- Born: 21 June 1921 Hereford, England
- Died: 28 March 1943 (aged 21) Sedjenane, Tunisia
- Buried: Tabarka Ras Rajel War Cemetery, Tunisia
- Allegiance: United Kingdom
- Branch: British Army
- Service years: 1941–1943
- Rank: Captain
- Service number: 184635
- Unit: 2nd Parachute Battalion
- Conflicts: Second World War, Operation Torch

= Richard Spender =

Poet and soldier

Richard Willian Osborne Spender, also known as Dicky Spender, was a British poet and officer in the British Army during The Second World War. He served as a paratrooper in the North African campaign and was killed in action at the Battle of Sedjenane whilst leading a charge against a German machine gun position. He was recognised as a poet during his life and has been celebrated posthumously.

==Early life==
Spender was born in Hereford, the youngest of four children, and son of Frank Osborne Spender and Elizabeth Ann Spender, of Letchworth. His family briefly lived in London before moving to Stratford-upon-Avon in Warwickshire where Spender attended King Edward VI School from 1930 to 1940, where he was Captain of School.
He was accepted to read Modern History at St Catherine's College, Oxford, but instead decided to enlist in the British Army.

==Military service==

After enlistment, Spender was assigned to the Gloucestershire Regiment, and received his officer training at 163 Officer Cadet Training Unit at Royal Military College Sandhurst from January to April 1941. He was commissioned into the Royal Ulster Rifles. In autumn 1941 he became an instructor with 47 Division and later GHQ Battle School, where he played the part of 'Casey' in a training film entitled 'The Fighting Section Leader.'

In September 1942 he was assigned to the 2nd Parachute Battalion, before it was transported to North Africa take part in Operation Torch, parachuting behind enemy lines to destroy aircraft on the ground at Depienne and Oudna airfields. The delay in linking forces and subsequent costly withdrawal inspired Spender to write the poem 'The Parachute Battalion.'

After this, the 1st Parachute Brigade was given a ground role, involved in fighting German and Italian forces in Tunisia. During the 2nd battle of Tamera on 27-28 March 1943, the battalion had successfully driven the enemy off their objectives and came under a heavy counterattack by German paratroopers and regular infantry.

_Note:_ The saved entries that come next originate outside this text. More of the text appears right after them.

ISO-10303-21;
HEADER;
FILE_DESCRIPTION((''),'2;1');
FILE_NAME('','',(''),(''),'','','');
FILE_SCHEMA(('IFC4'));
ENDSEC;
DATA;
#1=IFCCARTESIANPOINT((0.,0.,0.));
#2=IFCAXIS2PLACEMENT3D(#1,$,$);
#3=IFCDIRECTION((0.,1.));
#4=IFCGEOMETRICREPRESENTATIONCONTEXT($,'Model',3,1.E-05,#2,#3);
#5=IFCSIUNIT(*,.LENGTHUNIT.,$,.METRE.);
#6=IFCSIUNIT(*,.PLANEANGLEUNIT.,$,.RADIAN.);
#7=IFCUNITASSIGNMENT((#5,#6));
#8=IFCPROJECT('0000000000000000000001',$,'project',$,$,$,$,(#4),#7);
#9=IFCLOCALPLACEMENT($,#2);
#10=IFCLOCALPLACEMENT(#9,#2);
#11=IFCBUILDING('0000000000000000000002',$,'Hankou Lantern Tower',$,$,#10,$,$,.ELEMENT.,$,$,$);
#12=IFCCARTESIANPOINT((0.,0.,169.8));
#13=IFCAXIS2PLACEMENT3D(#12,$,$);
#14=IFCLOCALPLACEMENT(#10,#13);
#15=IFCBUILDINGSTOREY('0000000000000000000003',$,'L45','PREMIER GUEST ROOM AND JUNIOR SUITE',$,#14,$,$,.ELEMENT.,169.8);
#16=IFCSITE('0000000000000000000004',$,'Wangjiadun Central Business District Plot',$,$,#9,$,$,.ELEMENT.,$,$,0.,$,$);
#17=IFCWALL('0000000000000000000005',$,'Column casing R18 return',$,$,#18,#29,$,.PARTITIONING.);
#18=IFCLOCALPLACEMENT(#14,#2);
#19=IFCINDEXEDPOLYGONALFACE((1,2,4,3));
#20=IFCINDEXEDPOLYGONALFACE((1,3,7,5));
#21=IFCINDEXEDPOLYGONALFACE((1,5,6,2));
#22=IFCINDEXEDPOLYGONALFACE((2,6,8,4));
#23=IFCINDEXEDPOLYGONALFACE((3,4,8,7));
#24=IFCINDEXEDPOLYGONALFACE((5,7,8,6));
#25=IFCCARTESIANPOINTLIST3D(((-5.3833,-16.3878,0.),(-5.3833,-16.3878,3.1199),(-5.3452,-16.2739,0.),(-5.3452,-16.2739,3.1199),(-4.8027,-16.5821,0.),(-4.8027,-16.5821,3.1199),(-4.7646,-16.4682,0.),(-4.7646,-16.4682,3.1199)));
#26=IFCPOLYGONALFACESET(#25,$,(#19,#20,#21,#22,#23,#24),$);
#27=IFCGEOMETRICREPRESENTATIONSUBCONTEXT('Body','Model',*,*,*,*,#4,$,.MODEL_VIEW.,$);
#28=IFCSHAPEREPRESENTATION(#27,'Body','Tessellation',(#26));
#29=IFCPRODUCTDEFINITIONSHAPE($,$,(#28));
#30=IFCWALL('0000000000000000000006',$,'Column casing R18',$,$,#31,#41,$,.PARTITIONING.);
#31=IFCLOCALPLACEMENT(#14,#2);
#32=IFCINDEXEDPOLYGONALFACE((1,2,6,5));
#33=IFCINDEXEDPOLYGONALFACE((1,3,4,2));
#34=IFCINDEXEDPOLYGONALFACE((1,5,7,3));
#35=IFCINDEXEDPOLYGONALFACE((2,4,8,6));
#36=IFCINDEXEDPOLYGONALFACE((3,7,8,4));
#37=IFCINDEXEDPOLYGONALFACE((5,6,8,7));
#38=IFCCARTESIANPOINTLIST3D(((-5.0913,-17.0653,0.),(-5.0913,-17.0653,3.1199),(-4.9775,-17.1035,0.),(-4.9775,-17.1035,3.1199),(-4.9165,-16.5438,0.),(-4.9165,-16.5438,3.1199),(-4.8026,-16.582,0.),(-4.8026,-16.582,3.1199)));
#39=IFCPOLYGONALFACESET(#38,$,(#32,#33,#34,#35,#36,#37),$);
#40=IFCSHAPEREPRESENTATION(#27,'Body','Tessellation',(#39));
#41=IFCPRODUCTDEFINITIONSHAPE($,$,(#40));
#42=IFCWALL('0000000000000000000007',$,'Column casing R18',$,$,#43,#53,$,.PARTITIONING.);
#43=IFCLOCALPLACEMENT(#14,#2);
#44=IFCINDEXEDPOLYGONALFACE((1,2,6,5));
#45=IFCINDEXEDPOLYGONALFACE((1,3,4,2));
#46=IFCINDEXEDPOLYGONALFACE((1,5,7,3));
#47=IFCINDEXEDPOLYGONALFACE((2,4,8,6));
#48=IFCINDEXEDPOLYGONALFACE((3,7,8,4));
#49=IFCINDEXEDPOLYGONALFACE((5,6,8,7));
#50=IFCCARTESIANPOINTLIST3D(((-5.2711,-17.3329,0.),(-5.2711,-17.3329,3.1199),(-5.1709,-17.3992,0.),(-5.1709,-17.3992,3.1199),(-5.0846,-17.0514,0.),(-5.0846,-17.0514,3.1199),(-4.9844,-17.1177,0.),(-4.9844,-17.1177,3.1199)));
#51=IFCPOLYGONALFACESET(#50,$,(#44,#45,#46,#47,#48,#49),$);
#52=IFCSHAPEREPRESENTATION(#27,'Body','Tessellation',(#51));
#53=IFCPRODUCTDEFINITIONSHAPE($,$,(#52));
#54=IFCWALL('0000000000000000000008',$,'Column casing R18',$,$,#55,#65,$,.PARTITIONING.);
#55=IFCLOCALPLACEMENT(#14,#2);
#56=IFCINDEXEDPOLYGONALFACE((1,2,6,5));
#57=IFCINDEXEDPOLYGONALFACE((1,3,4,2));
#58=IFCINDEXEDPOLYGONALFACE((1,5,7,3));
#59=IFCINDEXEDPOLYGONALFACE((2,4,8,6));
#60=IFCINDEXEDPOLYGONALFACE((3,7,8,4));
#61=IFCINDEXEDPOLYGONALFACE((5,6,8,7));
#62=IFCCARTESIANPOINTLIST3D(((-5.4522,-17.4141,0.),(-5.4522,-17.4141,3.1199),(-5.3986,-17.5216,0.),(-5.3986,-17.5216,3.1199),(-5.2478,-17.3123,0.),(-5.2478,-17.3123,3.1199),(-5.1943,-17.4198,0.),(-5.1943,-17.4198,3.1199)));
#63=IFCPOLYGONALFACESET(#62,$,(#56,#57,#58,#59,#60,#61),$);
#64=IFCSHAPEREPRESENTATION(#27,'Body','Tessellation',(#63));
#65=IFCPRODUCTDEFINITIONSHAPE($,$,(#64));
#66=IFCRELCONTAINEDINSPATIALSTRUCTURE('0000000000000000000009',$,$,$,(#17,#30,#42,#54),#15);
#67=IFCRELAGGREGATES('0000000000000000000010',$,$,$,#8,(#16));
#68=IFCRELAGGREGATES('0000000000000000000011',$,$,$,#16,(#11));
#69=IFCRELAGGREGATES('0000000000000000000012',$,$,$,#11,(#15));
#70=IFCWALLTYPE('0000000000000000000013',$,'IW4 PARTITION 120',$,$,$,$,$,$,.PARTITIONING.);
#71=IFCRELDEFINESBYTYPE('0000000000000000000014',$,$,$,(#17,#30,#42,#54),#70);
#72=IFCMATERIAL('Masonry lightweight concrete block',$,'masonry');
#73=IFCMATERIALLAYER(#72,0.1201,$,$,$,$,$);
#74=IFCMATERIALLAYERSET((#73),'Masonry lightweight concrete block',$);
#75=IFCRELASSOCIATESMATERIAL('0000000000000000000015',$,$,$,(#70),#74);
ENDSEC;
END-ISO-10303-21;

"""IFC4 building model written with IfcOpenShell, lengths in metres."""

from ifc_helpers import new_model, si_unit, direction, frame, frame_2d, origin, place, context, subcontext, project, spatial, rectangle, extrude, material, layer, layer_set, type_object, element, save


model = new_model("IFC4")

# Units and contexts
model_context = context("Model", 3, precision=1e-05, world=origin(), true_north=direction((0.0, 1.0)))
body_context = subcontext(model_context, "Body", "Model", "MODEL_VIEW")
ifc_project = project(units=[si_unit("LENGTHUNIT", "METRE"), si_unit("PLANEANGLEUNIT", "RADIAN")], contexts=[model_context])

# Site, building, storey
site_placement = place(None, origin())
site = spatial("IfcSite", under=ifc_project, at=site_placement, Name="Wangjiadun Central Business District Plot", CompositionType="ELEMENT", RefElevation=0.0)
building_placement = place(site_placement, origin())
building = spatial("IfcBuilding", under=site, at=building_placement, Name="Hankou Lantern Tower", CompositionType="ELEMENT")
storey_placement = place(building_placement, frame((0.0, 0.0, 169.8)))
storey = spatial("IfcBuildingStorey", under=building, at=storey_placement, Name="L45", Description="PREMIER GUEST ROOM AND JUNIOR SUITE", CompositionType="ELEMENT", Elevation=169.8)

# Walls
ifc_material_1 = material(Name="Masonry lightweight concrete block", Category="masonry")
ifc_layer_1 = layer(ifc_material_1, 0.1201)
ifc_layer_set_1 = layer_set([ifc_layer_1], Name="Masonry lightweight concrete block")
wall_type_1 = type_object("IfcWallType", Name="IW4 PARTITION 120", PredefinedType="PARTITIONING", material=ifc_layer_set_1)
wall_1_placement = place(storey_placement, frame((-5.3643, -16.3308, 0.0), z_axis=(0.0, 0.0, 1.0), x_axis=(0.948284, -0.317424, 0.0)))
element("IfcWall", 1, at=wall_1_placement, inside=storey, type_object=wall_type_1, Name="Column casing R18 return", PredefinedType="PARTITIONING", context=body_context, shape_type="SweptSolid", body=[
    extrude(rectangle(XDim=0.6123, YDim=0.1201, at=frame_2d((0.3062, 0.0))), origin(), (0.0, 0.0, 1.0), 3.1199),
])
wall_2_placement = place(storey_placement, frame((-4.8596, -16.563, 0.0), z_axis=(0.0, 0.0, 1.0), x_axis=(-0.317825, -0.948149, 0.0)))
element("IfcWall", 2, at=wall_2_placement, inside=storey, type_object=wall_type_1, Name="Column casing R18", PredefinedType="PARTITIONING", context=body_context, shape_type="SweptSolid", body=[
    extrude(rectangle(XDim=0.55, YDim=0.1201, at=frame_2d((0.2749, 0.0))), origin(), (0.0, 0.0, 1.0), 3.1199),
])
wall_3_placement = place(storey_placement, frame((-5.0344, -17.0845, 0.0), z_axis=(0.0, 0.0, 1.0), x_axis=(-0.552362, -0.833604, 0.0)))
element("IfcWall", 3, at=wall_3_placement, inside=storey, type_object=wall_type_1, Name="Column casing R18", PredefinedType="PARTITIONING", context=body_context, shape_type="SweptSolid", body=[
    extrude(rectangle(XDim=0.3376, YDim=0.1201, at=frame_2d((0.1689, 0.0))), origin(), (0.0, 0.0, 1.0), 3.1199),
])
wall_4_placement = place(storey_placement, frame((-5.2209, -17.366, 0.0), z_axis=(0.0, 0.0, 1.0), x_axis=(-0.895068, -0.44593, 0.0)))
element("IfcWall", 4, at=wall_4_placement, inside=storey, type_object=wall_type_1, Name="Column casing R18", PredefinedType="PARTITIONING", context=body_context, shape_type="SweptSolid", body=[
    extrude(rectangle(XDim=0.2283, YDim=0.1201, at=frame_2d((0.1143, 0.0))), origin(), (0.0, 0.0, 1.0), 3.1199),
])

save(model, "model.ifc")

C Company were threatened with encirclement, and to prevent this, Spender charged German machine gun positions and was killed. Before his death, his commanding officer reported that Spender had managed to kill four Germans in his charge.

==Poetry==
By the time of his death at age 21, Spender was already a well regarded and published poet, his poems appearing in publications including The Times Literary Supplement, The Observer, Punch, Country Life, and John O' London's Weekly.

He was described once by the Daily Telegraph as the Rupert Brooke of the Second World War, and three collections of his poetry were published as books by Sidgwick and Jackson.

==Legacy==
Because of his connection to King Edward VI School in Stratford, when the house system at the school was reformed into four houses in 2000, it was decided that one should be named after Spender, with the colour purple.

Opened in 2017, a £2.2 million building housing the new school library as well as English and Computer science departments was named in his honour.